Examples of Evolution
Evolution is often mistakenly considered a dead science, one that has not changed since Darwin's time and has no impact on modern life. In fact, evolutionary theory is a lively field of innovative research which is constantly generating novel results. It also has practical applications in modern society. From agriculture to medicine, our understanding of the biological world and our interection with it is based on evolutionary theory. Improvements in crop production or health care are often based on recent research in evolutionary biology. The examples compiled here may be used to engage students in thinking about evolution in new ways.
The following activity is designed to help students find their own examples of evolution in the popular media and in their day to day lives. Assign one topic to each group of two to three students. Have the students look for recent media coverage of the topic focusing on the role of evolutionary biology. Students may prepare a brief presentation for the class, or write up their results. Students should address the following questions:
- How does evolution play a role in this issue?
- Does this example demonstrate natural selection? If so, what are the selective pressures? If not, what is the force driving evolution?
- What role do variation and heritability play in this example, if any?
- How is this topic relevant in your life?
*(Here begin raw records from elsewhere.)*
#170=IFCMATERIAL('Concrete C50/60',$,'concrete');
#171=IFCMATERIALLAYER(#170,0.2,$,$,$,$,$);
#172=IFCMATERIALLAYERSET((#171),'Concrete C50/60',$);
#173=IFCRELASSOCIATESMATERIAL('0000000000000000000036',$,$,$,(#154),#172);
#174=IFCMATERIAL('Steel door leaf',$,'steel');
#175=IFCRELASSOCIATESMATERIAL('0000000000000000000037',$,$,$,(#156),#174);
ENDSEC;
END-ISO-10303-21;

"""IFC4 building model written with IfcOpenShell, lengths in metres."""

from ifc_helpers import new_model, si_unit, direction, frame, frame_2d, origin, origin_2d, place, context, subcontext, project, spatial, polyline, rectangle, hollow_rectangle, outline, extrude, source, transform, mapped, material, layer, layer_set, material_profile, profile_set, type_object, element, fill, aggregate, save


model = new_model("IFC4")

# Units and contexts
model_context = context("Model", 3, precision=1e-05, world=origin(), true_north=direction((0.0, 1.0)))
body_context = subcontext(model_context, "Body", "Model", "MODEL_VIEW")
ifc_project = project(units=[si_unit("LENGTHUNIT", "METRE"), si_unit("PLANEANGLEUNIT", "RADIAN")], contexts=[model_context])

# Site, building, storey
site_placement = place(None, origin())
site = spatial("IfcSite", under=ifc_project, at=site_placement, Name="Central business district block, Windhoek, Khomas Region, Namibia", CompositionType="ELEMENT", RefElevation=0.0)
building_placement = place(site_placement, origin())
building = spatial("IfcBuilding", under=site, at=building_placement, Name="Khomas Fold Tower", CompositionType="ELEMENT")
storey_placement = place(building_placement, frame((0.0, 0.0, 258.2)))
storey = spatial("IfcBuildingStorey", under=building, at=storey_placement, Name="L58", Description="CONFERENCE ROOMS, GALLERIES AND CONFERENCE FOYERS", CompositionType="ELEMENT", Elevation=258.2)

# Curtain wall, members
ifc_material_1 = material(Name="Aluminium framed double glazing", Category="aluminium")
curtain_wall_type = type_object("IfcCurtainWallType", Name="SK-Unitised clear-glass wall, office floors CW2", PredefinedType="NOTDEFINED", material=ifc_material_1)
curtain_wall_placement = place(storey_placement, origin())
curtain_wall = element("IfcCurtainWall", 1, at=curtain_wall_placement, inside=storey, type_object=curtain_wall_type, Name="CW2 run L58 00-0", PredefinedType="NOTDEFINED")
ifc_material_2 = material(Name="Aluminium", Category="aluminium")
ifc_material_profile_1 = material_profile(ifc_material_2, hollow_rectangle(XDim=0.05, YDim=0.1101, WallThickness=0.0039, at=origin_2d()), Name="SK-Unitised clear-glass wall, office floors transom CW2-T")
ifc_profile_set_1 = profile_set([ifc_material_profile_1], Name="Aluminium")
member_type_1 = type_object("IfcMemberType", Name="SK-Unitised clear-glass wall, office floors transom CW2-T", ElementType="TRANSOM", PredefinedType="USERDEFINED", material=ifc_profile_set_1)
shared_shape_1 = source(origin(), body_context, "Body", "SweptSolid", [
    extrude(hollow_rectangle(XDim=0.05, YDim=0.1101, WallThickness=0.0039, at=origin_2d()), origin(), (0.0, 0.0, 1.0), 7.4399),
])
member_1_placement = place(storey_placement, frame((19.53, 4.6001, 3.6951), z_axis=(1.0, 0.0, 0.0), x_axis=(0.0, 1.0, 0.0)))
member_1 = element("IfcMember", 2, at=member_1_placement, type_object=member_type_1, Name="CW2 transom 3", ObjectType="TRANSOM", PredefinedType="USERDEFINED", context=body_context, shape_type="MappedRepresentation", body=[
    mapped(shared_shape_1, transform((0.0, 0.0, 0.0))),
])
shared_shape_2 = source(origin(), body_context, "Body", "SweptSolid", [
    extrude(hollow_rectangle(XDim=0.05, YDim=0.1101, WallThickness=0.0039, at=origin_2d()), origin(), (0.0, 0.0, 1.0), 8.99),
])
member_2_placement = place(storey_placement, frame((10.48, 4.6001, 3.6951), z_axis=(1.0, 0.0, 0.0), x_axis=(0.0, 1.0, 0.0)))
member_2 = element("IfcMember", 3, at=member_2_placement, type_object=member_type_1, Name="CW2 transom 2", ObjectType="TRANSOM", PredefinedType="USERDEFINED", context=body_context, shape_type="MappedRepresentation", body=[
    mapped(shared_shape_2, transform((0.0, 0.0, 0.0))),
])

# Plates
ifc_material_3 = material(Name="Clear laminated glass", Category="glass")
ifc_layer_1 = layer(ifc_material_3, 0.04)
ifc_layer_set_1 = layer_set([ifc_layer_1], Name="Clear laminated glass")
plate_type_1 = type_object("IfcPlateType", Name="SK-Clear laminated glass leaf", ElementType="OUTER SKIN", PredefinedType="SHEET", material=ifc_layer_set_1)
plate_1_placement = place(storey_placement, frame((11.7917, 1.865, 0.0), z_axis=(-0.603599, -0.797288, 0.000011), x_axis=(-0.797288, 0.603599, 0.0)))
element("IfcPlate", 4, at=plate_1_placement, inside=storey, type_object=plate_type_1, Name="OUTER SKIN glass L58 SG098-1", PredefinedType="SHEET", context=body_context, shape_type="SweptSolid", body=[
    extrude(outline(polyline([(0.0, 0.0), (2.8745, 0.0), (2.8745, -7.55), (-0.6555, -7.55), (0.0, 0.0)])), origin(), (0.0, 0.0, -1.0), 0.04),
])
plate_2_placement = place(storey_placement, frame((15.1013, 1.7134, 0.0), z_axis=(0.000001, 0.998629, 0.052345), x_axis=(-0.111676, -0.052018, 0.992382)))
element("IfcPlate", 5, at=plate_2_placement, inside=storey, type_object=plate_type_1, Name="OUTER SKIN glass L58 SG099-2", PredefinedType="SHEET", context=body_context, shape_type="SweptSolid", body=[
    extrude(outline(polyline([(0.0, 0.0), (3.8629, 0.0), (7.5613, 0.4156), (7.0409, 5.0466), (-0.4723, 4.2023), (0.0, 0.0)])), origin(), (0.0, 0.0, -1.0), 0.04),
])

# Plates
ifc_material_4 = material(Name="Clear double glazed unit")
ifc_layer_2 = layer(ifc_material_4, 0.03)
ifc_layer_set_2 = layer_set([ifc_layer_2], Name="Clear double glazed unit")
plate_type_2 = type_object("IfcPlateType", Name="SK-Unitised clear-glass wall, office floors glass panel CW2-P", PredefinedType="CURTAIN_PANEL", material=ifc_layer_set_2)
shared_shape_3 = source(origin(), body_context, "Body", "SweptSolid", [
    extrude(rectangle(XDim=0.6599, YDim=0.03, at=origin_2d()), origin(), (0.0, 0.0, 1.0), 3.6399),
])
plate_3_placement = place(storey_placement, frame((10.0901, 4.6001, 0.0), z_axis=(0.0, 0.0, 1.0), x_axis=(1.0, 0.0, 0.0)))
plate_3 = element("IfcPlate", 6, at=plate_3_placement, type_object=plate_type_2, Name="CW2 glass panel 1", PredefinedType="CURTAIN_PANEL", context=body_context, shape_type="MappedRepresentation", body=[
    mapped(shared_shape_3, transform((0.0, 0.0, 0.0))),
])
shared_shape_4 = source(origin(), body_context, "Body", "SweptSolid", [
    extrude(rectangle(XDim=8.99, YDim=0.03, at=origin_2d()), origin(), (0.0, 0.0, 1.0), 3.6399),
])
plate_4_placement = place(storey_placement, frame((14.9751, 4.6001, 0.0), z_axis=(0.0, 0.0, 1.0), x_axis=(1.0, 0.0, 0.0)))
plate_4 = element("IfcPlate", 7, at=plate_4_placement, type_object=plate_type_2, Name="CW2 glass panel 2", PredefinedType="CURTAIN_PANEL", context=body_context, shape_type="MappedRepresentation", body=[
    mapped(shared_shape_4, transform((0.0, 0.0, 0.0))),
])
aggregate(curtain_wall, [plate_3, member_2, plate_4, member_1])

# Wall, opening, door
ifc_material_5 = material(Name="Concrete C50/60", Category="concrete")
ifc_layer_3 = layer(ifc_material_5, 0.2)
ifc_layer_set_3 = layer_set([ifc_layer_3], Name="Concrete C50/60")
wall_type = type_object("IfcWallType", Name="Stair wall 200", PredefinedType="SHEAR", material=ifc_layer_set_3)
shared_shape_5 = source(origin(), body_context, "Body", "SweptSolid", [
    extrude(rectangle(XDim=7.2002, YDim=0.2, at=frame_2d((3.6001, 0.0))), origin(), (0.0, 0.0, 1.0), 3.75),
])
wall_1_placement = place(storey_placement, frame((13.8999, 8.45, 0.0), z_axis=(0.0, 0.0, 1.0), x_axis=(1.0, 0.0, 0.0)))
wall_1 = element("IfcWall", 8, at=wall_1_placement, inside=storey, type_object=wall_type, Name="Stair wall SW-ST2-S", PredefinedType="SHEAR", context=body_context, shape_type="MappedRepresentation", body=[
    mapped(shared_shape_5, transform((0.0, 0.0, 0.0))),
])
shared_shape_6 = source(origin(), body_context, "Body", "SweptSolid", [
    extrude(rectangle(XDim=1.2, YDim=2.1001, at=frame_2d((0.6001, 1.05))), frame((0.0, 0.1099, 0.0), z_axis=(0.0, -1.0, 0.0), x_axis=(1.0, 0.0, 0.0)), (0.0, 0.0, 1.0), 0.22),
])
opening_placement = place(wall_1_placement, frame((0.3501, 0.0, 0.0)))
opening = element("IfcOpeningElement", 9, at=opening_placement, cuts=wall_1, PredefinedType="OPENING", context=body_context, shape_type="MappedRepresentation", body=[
Medical applications of evolution are possibly the most exciting aspect of modern evolutionary research. From determining the molecular basis of disease through developing treatments and cures, researchers rely on the basic principles of evolutionary theory. Meanwhile, the research itself provides new insight into evolutionary processes.
The Human Genome Project is possible and useful because of evolution. All organisms share the basic molecular heredity system of DNA and RNA. Laboratory methods and tools, such as sequencing, provide information from any cell type from bacteria to mammals. The resulting information can be used to study human physiology, health and disease. Although the majority of medical research will be conducted in other organisms such as dogs and primates, this research will apply to humans because we share many physiological pathways due to our evolutionary relationships. Downloadable curriculum materials on the Human Genome Project is available free of charge including DOE-supported Curriculum Modules from BSCS for high school teachers and students, and NIH Curriculum Supplement Series for High School Grades 9-12. Publications, posters, presentations and other materials are available as well.
Examples of Evolution
This list of 15 great examples of recent evolutionary work was published by Nature in January, 2009, in honor of Darwin's 200th birthday and the 150th anniversary of the publication of The Origin of Species.
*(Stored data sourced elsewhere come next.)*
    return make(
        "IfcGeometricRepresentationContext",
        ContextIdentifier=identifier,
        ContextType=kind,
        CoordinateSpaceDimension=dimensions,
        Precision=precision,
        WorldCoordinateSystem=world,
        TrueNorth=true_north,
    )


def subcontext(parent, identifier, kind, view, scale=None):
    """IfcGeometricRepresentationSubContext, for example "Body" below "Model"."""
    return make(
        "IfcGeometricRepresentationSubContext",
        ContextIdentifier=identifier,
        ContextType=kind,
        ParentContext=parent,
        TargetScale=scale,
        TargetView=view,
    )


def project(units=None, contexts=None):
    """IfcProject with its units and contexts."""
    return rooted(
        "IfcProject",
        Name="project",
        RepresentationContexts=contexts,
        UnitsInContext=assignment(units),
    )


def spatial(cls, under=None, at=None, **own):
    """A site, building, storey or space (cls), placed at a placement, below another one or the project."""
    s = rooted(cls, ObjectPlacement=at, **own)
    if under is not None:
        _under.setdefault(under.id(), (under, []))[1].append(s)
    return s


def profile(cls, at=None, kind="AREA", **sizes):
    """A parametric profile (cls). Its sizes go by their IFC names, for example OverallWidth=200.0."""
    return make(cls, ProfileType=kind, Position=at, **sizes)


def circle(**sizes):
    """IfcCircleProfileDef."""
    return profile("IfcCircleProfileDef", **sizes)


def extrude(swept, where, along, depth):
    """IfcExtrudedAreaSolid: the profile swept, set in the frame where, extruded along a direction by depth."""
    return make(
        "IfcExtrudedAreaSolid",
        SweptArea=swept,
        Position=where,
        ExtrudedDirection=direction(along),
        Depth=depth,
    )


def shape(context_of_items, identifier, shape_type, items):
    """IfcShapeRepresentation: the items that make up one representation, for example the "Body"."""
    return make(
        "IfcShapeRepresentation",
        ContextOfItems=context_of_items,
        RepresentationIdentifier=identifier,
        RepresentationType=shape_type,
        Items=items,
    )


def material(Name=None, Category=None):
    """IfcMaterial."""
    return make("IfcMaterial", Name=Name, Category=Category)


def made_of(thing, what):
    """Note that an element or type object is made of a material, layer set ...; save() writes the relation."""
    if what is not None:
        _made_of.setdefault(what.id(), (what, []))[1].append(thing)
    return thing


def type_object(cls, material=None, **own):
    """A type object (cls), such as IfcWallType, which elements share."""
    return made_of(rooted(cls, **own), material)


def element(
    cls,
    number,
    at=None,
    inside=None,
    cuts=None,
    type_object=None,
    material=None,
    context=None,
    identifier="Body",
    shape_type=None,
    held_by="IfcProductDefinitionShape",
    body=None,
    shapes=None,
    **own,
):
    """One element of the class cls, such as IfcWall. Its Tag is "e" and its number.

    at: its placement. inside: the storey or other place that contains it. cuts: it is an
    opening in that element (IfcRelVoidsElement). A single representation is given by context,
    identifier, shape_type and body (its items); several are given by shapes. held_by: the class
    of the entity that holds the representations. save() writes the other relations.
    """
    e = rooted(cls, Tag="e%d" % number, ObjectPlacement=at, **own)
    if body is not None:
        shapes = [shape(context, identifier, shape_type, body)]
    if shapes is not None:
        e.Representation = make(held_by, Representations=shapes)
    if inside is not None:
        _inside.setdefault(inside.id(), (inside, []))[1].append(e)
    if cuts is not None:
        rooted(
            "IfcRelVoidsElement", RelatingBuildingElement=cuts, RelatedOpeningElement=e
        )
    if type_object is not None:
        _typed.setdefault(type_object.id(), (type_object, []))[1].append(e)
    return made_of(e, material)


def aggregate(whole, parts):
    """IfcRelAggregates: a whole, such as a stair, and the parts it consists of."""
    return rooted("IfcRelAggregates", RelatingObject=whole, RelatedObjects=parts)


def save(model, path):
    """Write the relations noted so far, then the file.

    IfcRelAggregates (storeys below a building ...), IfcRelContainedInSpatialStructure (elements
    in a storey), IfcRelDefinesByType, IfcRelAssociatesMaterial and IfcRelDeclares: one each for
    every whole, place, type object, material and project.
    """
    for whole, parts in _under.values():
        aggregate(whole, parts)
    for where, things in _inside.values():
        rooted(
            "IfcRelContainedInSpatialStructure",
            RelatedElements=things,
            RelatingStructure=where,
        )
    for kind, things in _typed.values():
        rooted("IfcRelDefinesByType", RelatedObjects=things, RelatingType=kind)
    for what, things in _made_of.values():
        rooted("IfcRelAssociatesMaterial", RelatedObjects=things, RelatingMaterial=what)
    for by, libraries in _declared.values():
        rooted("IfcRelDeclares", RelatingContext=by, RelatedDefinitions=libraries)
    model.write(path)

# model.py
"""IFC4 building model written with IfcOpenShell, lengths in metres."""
This list of improtant evolutionary research stories was published by Wired in January, 2009.
From The New Scientist
Human diseases are excellent examples of evolution. Pathogens must evolve rapidly to avoid the human immune response and medical interventions, such as drugs. Because bacterial and viral pathogens have short, and generally quick, life cycles, evolution can be observed in a few days or months. On the opposite side of this equation, some human mutations appear to provide resistance to pathogens, explaining the persistence of these mutations in the human population.
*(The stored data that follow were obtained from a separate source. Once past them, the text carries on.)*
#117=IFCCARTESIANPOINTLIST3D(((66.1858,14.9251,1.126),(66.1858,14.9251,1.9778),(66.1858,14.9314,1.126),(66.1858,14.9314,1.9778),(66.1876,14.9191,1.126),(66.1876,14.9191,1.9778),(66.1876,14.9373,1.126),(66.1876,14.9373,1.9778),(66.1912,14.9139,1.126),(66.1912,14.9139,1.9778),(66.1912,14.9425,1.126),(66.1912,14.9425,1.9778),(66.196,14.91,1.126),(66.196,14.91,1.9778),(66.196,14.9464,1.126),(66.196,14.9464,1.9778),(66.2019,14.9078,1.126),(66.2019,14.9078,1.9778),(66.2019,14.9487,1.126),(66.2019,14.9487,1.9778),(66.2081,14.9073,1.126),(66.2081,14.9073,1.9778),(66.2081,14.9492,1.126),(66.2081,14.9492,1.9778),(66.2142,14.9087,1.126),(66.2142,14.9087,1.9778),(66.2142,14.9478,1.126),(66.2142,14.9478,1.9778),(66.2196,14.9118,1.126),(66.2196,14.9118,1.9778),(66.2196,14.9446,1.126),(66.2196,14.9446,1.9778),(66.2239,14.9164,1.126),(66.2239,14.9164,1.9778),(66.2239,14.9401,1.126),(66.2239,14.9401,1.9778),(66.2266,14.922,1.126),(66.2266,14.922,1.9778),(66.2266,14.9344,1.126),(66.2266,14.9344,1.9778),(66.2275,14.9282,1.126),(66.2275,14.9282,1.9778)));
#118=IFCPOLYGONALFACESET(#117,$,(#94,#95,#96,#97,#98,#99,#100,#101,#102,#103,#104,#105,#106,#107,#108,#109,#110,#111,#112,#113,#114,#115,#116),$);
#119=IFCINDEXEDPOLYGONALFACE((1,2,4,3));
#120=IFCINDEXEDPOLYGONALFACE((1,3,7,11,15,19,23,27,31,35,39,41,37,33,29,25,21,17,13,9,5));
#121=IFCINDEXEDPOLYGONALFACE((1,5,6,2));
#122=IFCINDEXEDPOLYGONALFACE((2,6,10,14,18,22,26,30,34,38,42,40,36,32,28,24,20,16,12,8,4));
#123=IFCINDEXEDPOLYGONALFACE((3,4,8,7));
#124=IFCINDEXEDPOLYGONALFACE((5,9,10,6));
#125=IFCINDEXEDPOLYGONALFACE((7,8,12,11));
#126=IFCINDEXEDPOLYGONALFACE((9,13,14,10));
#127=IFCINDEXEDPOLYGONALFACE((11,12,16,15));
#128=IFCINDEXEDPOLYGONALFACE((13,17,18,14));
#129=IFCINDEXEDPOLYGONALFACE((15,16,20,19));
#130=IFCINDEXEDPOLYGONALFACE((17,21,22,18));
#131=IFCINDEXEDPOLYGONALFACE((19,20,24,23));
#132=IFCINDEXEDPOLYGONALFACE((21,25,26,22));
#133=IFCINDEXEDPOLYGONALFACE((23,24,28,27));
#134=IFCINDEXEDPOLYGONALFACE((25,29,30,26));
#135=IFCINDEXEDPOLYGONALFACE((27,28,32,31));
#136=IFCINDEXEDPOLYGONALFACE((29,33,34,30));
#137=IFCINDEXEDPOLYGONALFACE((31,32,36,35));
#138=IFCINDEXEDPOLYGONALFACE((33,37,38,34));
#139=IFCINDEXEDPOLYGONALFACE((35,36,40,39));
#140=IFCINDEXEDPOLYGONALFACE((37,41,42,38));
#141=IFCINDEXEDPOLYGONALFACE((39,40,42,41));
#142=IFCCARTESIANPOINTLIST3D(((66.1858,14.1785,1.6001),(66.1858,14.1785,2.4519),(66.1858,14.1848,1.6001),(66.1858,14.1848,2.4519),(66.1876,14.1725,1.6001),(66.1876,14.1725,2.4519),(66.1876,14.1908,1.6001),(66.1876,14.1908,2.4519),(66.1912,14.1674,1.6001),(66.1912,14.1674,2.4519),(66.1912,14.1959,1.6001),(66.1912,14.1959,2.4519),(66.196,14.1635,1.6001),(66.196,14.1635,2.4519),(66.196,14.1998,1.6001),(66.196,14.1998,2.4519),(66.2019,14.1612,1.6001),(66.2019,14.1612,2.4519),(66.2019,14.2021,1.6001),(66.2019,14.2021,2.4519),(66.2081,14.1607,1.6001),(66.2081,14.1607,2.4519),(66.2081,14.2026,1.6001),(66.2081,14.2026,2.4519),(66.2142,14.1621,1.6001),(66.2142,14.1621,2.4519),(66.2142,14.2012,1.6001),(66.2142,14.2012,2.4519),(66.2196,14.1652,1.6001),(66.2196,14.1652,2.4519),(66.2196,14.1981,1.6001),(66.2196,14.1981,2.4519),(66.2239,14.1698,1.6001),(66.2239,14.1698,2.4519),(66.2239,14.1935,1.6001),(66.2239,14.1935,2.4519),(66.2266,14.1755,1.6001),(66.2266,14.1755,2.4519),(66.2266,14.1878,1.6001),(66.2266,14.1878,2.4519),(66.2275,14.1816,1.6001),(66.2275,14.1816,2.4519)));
Natural selection works on individuals within a population, with the end result that a variation that provides benefit to the individual will become more prevalent in the population. Natural selection is one variable in evolution, but it is not the only type of selection. Other types of selection include artificial, sexual and kin selection. These selective pressures result in adaptions - particular lifestyles or body plans that provide an advantage in a specific environment.